How Do I Help My Child Build Healthy Friendships?
Social Skills Building Activity: What Makes a Good Friend?
- Have your child draw a picture or write a story about someone who is a good friend or invite your child to list 3-4 things that make them a good friend.
- Together discuss what character traits they see in a good friend. Some examples include:
- Kindness
- Loyalty
- Fun to be around
- Honesty
- Supportive
- Discuss with your child how they can be that type of friend to others.
- Discuss if your child’s current friends have these traits.
- If your child is struggling with a current social situation you can use play with dolls, action figures or stuffed animals to work through how to handle interactions. For older children you can role play with them.
Tips to help your kid with their friendships:
For some children, making and keeping friends comes naturally, while others need some additional support. Social skills, like other skills, can be learned over time.
- Understand your child’s personality.
- Some children prefer to have many friends, while others are satisfied with one or two close friends.
- Neither is wrong or right but understanding your child can help you see where they need support.
- Some children are shy, or need time to warm up to others. It’s okay to let them sit back and observe before socializing.
- Prepare for social interactions. Help your child know what to expect when preparing for social settings.
- Letting them know who will be there.
- Give examples of what they might do together.
- If your child is challenged to read social cues, you might give them some practice time on what those are.
- You can have a code word they can say if they need your support.
- Encourage Healthy Boundaries. Let children know that they can say no to their friends if they don’t want to do something.
- Model Empathy. Having empathy, or the ability to understand another person’s feelings is an important skill for children to be a good friend.
- You can teach this by narrating what you think someone else might be feeling.

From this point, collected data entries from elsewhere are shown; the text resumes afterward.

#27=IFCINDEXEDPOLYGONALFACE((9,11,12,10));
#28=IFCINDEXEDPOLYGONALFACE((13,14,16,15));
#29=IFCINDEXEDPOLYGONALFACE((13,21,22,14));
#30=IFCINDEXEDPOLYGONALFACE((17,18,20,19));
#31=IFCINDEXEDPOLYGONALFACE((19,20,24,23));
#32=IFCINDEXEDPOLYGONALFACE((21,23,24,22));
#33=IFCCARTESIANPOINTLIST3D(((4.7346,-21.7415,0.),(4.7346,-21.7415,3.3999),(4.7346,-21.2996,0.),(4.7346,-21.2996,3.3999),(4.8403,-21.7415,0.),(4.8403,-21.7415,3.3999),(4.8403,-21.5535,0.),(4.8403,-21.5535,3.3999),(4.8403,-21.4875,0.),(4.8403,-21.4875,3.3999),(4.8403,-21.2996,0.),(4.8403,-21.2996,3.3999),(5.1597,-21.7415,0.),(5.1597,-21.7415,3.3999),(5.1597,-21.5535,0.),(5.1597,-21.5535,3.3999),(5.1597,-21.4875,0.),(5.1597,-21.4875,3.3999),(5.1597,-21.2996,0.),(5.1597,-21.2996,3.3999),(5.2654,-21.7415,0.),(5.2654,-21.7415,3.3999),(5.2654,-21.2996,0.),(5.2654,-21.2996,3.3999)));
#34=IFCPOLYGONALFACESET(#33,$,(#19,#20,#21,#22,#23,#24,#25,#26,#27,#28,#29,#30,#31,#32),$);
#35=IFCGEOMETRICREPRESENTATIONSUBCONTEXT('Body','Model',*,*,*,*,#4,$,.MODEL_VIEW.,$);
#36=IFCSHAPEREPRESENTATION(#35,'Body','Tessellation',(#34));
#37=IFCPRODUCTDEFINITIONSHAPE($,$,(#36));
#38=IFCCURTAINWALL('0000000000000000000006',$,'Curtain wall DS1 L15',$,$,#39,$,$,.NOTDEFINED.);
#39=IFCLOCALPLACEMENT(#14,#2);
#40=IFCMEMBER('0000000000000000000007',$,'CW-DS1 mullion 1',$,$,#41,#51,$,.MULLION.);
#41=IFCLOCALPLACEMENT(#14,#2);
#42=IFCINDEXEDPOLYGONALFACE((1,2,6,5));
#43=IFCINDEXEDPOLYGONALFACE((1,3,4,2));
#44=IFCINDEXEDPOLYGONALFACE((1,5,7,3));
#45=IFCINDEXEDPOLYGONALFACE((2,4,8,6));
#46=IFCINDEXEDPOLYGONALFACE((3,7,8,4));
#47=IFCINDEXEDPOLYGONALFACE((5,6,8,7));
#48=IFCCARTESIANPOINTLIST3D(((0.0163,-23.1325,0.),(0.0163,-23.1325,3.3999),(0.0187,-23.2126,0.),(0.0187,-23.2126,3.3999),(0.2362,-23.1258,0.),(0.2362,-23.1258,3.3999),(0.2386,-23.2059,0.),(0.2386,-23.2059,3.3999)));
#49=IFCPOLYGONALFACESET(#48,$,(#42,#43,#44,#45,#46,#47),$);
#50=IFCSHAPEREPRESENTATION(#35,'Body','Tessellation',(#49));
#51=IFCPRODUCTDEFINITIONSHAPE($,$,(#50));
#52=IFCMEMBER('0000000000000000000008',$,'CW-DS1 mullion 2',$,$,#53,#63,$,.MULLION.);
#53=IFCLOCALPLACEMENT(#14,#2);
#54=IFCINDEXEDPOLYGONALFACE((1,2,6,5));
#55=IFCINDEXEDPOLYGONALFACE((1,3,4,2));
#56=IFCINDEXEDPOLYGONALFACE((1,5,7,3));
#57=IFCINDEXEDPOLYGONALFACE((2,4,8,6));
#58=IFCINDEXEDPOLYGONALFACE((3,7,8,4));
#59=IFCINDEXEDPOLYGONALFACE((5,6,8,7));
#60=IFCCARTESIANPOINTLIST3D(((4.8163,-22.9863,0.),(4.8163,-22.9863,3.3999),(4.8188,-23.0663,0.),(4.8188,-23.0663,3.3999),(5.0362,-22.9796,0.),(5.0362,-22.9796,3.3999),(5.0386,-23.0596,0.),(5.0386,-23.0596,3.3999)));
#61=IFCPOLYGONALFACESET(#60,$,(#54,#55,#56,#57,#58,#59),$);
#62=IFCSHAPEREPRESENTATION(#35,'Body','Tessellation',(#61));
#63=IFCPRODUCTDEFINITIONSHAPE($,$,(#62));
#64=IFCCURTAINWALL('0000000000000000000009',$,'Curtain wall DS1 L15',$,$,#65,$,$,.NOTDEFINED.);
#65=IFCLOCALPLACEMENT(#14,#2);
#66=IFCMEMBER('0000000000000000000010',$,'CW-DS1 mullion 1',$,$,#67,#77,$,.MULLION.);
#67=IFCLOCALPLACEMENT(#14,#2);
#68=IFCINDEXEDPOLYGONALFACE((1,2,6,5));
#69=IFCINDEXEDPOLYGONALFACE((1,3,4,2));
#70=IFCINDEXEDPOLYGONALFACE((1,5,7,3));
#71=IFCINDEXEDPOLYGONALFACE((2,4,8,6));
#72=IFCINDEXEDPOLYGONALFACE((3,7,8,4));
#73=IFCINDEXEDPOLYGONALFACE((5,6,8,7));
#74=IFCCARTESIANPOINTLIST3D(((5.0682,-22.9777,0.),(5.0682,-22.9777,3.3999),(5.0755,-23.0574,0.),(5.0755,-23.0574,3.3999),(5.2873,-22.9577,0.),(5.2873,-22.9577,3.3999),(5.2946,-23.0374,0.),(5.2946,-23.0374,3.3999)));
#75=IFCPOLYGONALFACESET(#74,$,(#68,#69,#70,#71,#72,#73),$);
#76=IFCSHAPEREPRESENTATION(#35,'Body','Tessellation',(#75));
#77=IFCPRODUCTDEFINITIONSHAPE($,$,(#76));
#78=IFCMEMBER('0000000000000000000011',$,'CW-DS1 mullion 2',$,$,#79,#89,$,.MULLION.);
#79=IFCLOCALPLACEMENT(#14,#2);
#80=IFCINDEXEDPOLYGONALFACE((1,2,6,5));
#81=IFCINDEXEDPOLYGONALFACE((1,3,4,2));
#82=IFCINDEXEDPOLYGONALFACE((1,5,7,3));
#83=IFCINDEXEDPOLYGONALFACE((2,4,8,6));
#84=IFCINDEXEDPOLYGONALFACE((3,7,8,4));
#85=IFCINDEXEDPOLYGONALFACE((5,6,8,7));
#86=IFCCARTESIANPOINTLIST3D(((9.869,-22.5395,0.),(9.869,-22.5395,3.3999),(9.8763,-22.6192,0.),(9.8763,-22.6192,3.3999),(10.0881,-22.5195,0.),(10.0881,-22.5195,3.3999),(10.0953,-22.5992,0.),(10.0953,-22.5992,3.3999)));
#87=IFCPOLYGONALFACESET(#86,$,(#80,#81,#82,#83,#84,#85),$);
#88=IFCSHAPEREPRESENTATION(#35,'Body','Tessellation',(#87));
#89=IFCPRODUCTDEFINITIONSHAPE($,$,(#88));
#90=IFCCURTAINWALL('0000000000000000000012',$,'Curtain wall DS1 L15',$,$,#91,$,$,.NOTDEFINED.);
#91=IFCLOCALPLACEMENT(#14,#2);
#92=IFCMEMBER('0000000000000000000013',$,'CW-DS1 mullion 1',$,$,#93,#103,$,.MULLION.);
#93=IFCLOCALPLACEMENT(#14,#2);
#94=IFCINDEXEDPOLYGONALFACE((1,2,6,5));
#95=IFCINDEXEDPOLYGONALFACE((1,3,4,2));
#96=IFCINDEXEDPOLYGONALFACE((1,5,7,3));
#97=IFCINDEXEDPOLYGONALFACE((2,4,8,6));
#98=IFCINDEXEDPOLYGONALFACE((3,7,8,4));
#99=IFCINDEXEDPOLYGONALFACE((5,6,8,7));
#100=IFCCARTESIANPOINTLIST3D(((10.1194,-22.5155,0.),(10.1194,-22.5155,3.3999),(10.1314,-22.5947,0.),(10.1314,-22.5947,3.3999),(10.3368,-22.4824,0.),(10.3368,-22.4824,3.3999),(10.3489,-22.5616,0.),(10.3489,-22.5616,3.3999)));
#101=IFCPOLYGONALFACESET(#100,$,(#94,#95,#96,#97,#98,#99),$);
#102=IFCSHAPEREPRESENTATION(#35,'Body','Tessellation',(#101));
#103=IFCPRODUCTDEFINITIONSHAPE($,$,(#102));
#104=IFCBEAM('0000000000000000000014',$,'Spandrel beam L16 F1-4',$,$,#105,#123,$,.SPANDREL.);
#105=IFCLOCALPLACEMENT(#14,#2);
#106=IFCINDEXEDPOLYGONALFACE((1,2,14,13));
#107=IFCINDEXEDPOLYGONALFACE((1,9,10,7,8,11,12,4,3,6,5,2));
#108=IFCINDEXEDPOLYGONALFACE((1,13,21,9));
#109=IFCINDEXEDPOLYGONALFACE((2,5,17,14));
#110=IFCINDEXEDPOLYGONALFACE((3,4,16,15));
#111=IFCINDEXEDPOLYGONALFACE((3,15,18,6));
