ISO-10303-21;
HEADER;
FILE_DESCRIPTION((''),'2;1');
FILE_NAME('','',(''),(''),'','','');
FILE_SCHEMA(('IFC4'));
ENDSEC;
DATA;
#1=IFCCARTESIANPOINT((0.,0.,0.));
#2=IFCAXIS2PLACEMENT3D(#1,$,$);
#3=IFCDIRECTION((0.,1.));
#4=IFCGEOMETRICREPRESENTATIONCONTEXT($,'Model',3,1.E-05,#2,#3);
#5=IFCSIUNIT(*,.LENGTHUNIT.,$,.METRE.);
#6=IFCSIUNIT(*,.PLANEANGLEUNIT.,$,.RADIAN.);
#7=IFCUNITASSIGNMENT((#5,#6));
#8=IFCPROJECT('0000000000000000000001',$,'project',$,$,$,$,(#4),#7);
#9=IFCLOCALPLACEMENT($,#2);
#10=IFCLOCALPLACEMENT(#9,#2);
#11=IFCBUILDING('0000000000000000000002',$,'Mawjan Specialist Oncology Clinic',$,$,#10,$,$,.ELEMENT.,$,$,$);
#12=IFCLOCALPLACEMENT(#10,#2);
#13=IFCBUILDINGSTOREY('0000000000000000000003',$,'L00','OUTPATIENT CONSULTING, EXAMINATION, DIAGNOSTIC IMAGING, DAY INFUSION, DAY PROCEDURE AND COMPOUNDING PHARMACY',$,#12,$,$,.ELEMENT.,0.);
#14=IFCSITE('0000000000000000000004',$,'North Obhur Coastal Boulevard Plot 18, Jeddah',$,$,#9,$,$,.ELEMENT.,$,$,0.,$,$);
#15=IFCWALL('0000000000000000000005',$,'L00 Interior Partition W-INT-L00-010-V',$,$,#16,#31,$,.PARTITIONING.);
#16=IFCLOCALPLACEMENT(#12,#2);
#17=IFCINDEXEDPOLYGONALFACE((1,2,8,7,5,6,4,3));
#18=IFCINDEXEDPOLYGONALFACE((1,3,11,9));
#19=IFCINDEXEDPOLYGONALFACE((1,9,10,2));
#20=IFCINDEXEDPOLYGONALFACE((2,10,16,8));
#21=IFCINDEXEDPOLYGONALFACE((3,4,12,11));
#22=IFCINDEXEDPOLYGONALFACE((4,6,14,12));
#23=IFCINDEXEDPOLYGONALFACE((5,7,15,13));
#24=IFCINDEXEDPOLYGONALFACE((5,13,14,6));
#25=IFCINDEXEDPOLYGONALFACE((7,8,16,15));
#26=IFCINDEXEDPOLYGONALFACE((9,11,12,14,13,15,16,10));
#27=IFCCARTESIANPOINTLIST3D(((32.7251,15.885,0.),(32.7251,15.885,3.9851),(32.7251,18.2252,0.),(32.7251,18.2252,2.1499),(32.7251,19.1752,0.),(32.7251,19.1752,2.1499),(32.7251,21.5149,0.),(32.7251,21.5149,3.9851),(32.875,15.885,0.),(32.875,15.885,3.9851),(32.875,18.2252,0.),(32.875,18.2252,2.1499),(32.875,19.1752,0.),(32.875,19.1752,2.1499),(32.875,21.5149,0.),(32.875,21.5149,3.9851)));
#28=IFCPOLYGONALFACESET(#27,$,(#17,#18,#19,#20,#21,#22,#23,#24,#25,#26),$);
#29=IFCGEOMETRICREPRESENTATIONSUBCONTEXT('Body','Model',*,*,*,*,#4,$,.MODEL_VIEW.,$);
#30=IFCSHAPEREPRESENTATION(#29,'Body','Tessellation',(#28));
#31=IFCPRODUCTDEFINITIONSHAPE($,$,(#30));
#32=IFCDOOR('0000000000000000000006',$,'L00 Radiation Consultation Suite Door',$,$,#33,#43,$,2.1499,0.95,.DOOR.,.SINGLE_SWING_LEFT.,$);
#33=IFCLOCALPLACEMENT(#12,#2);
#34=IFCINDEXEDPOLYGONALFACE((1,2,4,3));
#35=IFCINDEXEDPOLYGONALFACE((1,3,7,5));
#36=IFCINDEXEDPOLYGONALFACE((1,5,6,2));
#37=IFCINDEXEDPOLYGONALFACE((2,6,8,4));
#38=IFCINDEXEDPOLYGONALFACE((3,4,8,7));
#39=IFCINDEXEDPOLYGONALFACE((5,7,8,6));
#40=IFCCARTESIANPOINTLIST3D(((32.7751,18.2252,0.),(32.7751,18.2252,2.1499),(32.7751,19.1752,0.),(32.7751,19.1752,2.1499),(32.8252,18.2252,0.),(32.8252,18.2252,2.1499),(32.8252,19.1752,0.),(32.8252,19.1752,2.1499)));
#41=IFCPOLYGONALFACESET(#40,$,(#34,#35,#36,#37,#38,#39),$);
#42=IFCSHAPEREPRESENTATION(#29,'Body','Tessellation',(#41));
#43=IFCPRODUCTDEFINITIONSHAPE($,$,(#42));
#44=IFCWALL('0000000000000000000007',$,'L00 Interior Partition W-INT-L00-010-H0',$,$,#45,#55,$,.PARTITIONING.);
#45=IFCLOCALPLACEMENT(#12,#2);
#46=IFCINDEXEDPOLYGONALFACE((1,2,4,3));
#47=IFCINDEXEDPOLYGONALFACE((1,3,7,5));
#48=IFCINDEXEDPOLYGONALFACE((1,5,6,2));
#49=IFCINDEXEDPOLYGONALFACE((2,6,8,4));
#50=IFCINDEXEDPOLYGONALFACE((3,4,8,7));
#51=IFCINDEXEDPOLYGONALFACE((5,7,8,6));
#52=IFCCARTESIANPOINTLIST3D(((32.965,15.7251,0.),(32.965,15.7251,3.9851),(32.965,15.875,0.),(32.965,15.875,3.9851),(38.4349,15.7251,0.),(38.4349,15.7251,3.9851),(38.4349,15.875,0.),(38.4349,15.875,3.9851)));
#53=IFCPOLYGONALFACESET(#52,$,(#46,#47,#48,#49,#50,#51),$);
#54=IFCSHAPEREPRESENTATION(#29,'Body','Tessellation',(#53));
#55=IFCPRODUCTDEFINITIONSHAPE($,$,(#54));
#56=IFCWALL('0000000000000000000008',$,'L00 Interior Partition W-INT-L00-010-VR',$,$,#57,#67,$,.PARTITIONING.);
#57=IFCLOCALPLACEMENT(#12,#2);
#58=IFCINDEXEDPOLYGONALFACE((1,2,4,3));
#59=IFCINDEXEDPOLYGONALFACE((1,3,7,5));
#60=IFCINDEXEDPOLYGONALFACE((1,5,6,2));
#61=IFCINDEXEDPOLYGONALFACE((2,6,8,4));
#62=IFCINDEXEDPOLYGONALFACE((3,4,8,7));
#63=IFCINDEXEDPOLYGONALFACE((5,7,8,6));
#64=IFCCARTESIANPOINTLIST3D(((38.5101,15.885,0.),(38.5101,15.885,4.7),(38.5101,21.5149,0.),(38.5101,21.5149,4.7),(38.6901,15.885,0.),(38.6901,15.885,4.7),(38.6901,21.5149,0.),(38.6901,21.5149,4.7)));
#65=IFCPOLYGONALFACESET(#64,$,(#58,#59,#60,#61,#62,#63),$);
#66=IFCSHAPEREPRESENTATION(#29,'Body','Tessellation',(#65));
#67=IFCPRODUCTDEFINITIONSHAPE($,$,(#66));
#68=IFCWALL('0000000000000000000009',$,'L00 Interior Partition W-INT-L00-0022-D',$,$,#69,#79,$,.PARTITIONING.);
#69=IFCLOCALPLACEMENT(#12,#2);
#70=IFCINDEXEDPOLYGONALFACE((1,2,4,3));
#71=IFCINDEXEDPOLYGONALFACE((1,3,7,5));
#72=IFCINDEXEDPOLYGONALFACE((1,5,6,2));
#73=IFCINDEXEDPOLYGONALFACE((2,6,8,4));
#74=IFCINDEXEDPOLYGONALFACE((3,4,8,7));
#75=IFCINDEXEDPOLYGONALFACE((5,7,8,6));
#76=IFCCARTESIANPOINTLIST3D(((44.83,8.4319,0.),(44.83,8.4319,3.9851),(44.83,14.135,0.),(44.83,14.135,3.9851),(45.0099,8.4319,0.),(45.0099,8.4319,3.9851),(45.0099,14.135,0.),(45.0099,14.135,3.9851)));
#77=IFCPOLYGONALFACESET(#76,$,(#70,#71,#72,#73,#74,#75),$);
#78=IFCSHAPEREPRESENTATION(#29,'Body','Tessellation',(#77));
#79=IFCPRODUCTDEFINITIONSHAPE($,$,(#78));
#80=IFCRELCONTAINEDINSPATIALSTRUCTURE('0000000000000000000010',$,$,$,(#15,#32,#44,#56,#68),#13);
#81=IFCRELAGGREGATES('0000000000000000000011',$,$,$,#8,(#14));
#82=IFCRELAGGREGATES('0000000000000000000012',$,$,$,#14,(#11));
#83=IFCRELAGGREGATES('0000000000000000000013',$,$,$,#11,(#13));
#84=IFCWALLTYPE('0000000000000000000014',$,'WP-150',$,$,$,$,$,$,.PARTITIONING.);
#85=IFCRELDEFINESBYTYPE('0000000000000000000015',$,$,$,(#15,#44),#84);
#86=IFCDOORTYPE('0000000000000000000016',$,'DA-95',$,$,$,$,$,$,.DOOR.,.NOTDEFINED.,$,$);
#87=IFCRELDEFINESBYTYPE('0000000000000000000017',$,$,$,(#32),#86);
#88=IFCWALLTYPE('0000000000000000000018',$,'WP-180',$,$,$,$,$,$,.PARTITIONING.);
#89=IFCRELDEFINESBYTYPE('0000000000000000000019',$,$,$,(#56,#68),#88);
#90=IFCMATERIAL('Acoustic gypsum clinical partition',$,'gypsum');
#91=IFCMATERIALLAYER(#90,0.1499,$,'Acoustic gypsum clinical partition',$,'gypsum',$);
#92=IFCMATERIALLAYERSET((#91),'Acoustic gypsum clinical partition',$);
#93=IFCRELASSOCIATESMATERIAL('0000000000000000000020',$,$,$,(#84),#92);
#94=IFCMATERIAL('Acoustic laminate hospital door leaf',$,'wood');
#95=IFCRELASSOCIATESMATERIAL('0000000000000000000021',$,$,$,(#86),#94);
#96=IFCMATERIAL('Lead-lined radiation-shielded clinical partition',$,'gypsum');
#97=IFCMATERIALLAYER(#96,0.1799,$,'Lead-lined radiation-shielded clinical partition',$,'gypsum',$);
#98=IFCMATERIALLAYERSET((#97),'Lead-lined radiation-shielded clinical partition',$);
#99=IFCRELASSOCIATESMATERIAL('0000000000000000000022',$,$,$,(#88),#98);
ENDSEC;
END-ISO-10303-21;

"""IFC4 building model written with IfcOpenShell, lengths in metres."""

from ifc_helpers import new_model, si_unit, direction, frame, frame_2d, origin, place, context, subcontext, project, spatial, rectangle, extrude, material, layer, layer_set, type_object, element, fill, save


model = new_model("IFC4")

# Units and contexts
model_context = context("Model", 3, precision=1e-05, world=origin(), true_north=direction((0.0, 1.0)))
body_context = subcontext(model_context, "Body", "Model", "MODEL_VIEW")
ifc_project = project(units=[si_unit("LENGTHUNIT", "METRE"), si_unit("PLANEANGLEUNIT", "RADIAN")], contexts=[model_context])

# Site, building, storey
site_placement = place(None, origin())
site = spatial("IfcSite", under=ifc_project, at=site_placement, Name="North Obhur Coastal Boulevard Plot 18, Jeddah", CompositionType="ELEMENT", RefElevation=0.0)
building_placement = place(site_placement, origin())
building = spatial("IfcBuilding", under=site, at=building_placement, Name="Mawjan Specialist Oncology Clinic", CompositionType="ELEMENT")
storey_placement = place(building_placement, origin())
storey = spatial("IfcBuildingStorey", under=building, at=storey_placement, Name="L00", Description="OUTPATIENT CONSULTING, EXAMINATION, DIAGNOSTIC IMAGING, DAY INFUSION, DAY PROCEDURE AND COMPOUNDING PHARMACY", CompositionType="ELEMENT", Elevation=0.0)

# Wall, opening, door
ifc_material_1 = material(Name="Acoustic gypsum clinical partition", Category="gypsum")
ifc_layer_1 = layer(ifc_material_1, 0.1499, Name="Acoustic gypsum clinical partition", Category="gypsum")
ifc_layer_set_1 = layer_set([ifc_layer_1], Name="Acoustic gypsum clinical partition")
wall_type_1 = type_object("IfcWallType", Name="WP-150", PredefinedType="PARTITIONING", material=ifc_layer_set_1)
wall_1_placement = place(storey_placement, frame((32.8, 15.885, 0.0), z_axis=(0.0, 0.0, 1.0), x_axis=(0.0, 1.0, 0.0)))
wall_1 = element("IfcWall", 1, at=wall_1_placement, inside=storey, type_object=wall_type_1, Name="L00 Interior Partition W-INT-L00-010-V", PredefinedType="PARTITIONING", context=body_context, shape_type="SweptSolid", body=[
    extrude(rectangle(XDim=5.6299, YDim=0.1499, at=frame_2d((2.8149, 0.0))), origin(), (0.0, 0.0, 1.0), 3.9851),
])
opening_1_placement = place(wall_1_placement, frame((2.3401, 0.0, 0.0)))
opening_1 = element("IfcOpeningElement", 2, at=opening_1_placement, cuts=wall_1, PredefinedType="OPENING", context=body_context, shape_type="SweptSolid", body=[
    extrude(rectangle(XDim=0.95, YDim=2.1499, at=frame_2d((0.4751, 1.075))), frame((0.0, 0.0869, 0.0), z_axis=(0.0, -1.0, 0.0), x_axis=(1.0, 0.0, 0.0)), (0.0, 0.0, 1.0), 0.1738),
])
ifc_material_2 = material(Name="Acoustic laminate hospital door leaf", Category="wood")
door_type_1 = type_object("IfcDoorType", Name="DA-95", OperationType="NOTDEFINED", PredefinedType="DOOR", material=ifc_material_2)
door_1_placement = place(opening_1_placement, origin())
door_1 = element("IfcDoor", 3, at=door_1_placement, inside=storey, type_object=door_type_1, Name="L00 Radiation Consultation Suite Door", OperationType="SINGLE_SWING_LEFT", OverallHeight=2.1499, OverallWidth=0.95, PredefinedType="DOOR", context=body_context, shape_type="SweptSolid", body=[
    extrude(rectangle(XDim=0.95, YDim=2.1499, at=frame_2d((0.4751, 1.075))), frame((0.0, 0.0249, 0.0), z_axis=(0.0, -1.0, 0.0), x_axis=(1.0, 0.0, 0.0)), (0.0, 0.0, 1.0), 0.05),
])
fill(opening_1, door_1)

# Walls
wall_2_placement = place(storey_placement, frame((32.9651, 15.8, 0.0), z_axis=(0.0, 0.0, 1.0), x_axis=(1.0, 0.0, 0.0)))
element("IfcWall", 4, at=wall_2_placement, inside=storey, type_object=wall_type_1, Name="L00 Interior Partition W-INT-L00-010-H0", PredefinedType="PARTITIONING", context=body_context, shape_type="SweptSolid", body=[
    extrude(rectangle(XDim=5.47, YDim=0.1499, at=frame_2d((2.7349, 0.0))), origin(), (0.0, 0.0, 1.0), 3.9851),
])
ifc_material_3 = material(Name="Lead-lined radiation-shielded clinical partition", Category="gypsum")
ifc_layer_2 = layer(ifc_material_3, 0.1799, Name="Lead-lined radiation-shielded clinical partition", Category="gypsum")
ifc_layer_set_2 = layer_set([ifc_layer_2], Name="Lead-lined radiation-shielded clinical partition")
wall_type_2 = type_object("IfcWallType", Name="WP-180", PredefinedType="PARTITIONING", material=ifc_layer_set_2)
wall_3_placement = place(storey_placement, frame((38.6001, 15.885, 0.0), z_axis=(0.0, 0.0, 1.0), x_axis=(0.0, 1.0, 0.0)))
element("IfcWall", 5, at=wall_3_placement, inside=storey, type_object=wall_type_2, Name="L00 Interior Partition W-INT-L00-010-VR", PredefinedType="PARTITIONING", context=body_context, shape_type="SweptSolid", body=[
    extrude(rectangle(XDim=5.6299, YDim=0.1799, at=frame_2d((2.8149, 0.0))), origin(), (0.0, 0.0, 1.0), 4.7),
])
wall_4_placement = place(storey_placement, frame((44.9199, 8.4319, 0.0), z_axis=(0.0, 0.0, 1.0), x_axis=(0.0, 1.0, 0.0)))
element("IfcWall", 6, at=wall_4_placement, inside=storey, type_object=wall_type_2, Name="L00 Interior Partition W-INT-L00-0022-D", PredefinedType="PARTITIONING", context=body_context, shape_type="SweptSolid", body=[
    extrude(rectangle(XDim=5.7031, YDim=0.1799, at=frame_2d((2.8516, 0.0))), origin(), (0.0, 0.0, 1.0), 3.9851),
])

save(model, "model.ifc")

- For example, “I notice Sally is crying, she might be feeling sad that she fell.”
- Use books and movies as examples to practice understanding how someone else might be feeling.
- Use Storytelling. If your child is struggling with knowing how to act in specific social interactions, you can tell them a story using yourself or a made up person and what they did in that situation.
- For example, “I remember when I was younger my friend pushed me and it hurt my feelings. I told her to stop and she said sorry and didn’t do it again.”
- Build your child’s self-esteem. The more confident your child is in themselves the more they will be able to make and keep friends.
- Get support.
- Social Skills groups can help students practice social interactions with peers.
- Therapy can help further develop specific skills your child needs.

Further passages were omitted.